I have a U-SQL application that runs in the Azure Data Lake environment. It's supposed to process a file full of JSON data that looks like this, except for being a lot more than two rows in real life.
[
{"reports" : {"direction": "FWD", "drive": "STOPS", "frob_variable": 0}},
{"reports" : {"direction": "FWD", "drive": "CRANKS", "frob_variable": -3}}
]
In that Data Lake job, I have the following line:
@json =
EXTRACT direction string, drive string, frob_variable int FROM @"/input/file.json"
USING new Microsoft.Analytics.Samples.Formats.Json.JsonExtractor("reports");
When I dump the contents of that @json
variable to a text file I get empty values: zero-length strings and zero-valued integers. I do get the correct number of output rows though, so it must be iterating over all my input.

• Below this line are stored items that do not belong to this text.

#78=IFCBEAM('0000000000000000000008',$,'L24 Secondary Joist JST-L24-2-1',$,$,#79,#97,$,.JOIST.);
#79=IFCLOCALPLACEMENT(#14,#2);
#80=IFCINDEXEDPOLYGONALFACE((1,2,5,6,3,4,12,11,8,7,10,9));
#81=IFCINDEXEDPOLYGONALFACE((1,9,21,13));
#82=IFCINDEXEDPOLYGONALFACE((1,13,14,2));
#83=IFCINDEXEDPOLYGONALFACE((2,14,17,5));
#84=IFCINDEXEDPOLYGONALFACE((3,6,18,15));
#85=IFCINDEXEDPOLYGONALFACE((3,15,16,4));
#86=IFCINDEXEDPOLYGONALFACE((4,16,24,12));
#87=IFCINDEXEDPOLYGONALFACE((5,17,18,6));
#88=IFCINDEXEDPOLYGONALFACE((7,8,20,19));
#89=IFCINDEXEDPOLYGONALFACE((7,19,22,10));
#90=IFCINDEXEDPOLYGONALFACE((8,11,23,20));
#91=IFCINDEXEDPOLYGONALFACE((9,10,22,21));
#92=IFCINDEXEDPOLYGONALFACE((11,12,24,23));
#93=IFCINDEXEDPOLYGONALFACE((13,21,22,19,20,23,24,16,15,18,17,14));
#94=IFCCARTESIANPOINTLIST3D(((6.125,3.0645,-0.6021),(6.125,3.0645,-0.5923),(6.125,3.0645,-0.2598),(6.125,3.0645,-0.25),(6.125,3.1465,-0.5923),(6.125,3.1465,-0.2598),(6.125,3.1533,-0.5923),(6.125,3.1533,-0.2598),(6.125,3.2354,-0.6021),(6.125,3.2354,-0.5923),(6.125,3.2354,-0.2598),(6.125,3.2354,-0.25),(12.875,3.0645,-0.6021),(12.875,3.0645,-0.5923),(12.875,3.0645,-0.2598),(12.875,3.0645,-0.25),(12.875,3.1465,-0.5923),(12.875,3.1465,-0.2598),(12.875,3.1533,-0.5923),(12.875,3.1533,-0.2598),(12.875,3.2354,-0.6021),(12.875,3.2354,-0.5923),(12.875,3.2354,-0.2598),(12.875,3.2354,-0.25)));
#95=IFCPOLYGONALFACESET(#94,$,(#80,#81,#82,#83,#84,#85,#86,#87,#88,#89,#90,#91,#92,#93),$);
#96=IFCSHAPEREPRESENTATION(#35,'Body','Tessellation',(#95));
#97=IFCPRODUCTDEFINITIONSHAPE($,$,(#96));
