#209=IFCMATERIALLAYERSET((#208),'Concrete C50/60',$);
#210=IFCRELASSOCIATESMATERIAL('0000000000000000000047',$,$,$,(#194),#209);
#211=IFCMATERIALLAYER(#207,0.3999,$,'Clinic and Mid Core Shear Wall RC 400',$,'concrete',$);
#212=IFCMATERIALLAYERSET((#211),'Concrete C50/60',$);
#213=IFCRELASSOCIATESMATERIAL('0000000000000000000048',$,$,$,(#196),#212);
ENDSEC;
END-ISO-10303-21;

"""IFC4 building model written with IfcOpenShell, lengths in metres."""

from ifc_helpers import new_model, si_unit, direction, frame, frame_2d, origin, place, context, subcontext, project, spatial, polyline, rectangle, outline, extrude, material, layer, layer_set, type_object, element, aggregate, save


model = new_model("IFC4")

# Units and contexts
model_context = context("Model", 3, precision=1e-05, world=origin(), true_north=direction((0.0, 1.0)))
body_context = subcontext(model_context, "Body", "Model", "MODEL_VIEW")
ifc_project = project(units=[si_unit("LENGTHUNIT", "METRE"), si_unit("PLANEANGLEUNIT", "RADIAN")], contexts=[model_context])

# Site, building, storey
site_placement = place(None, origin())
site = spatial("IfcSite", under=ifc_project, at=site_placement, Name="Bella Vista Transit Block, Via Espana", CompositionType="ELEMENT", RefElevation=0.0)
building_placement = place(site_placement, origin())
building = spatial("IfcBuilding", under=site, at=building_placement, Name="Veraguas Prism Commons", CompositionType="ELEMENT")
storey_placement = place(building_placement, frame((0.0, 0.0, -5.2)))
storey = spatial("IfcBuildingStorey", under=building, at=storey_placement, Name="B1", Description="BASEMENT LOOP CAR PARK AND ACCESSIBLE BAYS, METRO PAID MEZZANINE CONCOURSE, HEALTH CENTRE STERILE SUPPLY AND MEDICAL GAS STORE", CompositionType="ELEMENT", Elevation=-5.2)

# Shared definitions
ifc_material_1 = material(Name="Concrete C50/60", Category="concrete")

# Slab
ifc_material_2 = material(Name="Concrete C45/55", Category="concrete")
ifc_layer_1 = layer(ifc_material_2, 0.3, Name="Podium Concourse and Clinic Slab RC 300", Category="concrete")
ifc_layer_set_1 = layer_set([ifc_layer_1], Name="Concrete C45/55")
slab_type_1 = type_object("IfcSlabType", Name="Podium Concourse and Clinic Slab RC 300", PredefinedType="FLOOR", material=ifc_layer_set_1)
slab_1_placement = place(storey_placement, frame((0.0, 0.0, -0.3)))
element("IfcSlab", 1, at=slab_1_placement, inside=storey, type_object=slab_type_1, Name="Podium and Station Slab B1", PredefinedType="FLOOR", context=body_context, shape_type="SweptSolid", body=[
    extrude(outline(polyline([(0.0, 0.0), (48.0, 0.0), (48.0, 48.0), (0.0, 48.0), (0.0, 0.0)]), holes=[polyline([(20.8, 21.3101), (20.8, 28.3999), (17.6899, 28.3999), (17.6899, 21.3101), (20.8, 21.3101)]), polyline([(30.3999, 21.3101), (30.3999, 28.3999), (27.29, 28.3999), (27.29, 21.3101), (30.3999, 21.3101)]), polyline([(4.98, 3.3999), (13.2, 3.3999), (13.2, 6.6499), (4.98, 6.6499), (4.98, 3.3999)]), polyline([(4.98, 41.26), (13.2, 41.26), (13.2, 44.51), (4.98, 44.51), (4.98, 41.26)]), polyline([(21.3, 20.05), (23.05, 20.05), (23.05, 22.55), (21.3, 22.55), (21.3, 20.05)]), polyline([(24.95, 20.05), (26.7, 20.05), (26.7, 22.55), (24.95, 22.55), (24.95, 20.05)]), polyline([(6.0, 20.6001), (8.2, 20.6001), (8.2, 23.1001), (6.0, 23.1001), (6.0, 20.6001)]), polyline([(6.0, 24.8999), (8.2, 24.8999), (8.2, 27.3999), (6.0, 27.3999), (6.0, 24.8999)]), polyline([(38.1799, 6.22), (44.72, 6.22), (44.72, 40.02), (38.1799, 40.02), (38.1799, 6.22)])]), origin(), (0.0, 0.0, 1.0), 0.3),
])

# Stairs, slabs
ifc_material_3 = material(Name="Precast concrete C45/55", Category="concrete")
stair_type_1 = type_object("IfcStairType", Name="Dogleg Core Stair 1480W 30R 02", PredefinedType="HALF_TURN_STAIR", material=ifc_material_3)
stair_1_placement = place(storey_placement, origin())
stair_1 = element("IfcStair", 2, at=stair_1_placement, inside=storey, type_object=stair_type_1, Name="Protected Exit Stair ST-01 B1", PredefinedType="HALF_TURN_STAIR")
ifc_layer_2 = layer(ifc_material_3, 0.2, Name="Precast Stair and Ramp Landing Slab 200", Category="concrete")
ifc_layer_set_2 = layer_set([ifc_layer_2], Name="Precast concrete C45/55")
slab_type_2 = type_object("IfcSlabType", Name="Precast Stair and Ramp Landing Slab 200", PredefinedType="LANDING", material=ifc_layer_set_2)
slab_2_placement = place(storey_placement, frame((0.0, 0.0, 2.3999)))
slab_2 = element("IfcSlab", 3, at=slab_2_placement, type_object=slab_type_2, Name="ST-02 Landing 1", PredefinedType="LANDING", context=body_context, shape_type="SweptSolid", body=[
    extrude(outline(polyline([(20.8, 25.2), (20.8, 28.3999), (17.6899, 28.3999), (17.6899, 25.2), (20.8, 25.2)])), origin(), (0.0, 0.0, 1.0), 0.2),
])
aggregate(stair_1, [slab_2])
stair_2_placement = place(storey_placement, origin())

A bit of poking around the source code to the JsonExtractor
shows me that my specified JsonPath value ("reports") seems to be returning the "reports" key with the embedded dict. If I try a JsonPath value of "reports.*" I do get the embedded values (e.g., { "FWD", "STOPS", 0 }
) but I really wanted the keys to go along with them so SELECT direction, drive, frob_variable
would return something useful.
Long story short, I'm looking for a way to pull the keys and values from that inner dict. Thus my desired output from the EXTRACT
would be a rowset whose columns are "direction", "drive", and "frob_variable" and whose values are as indicated in the source data. It seems like there should be a JsonPath solution or a simple workaround in U-SQL.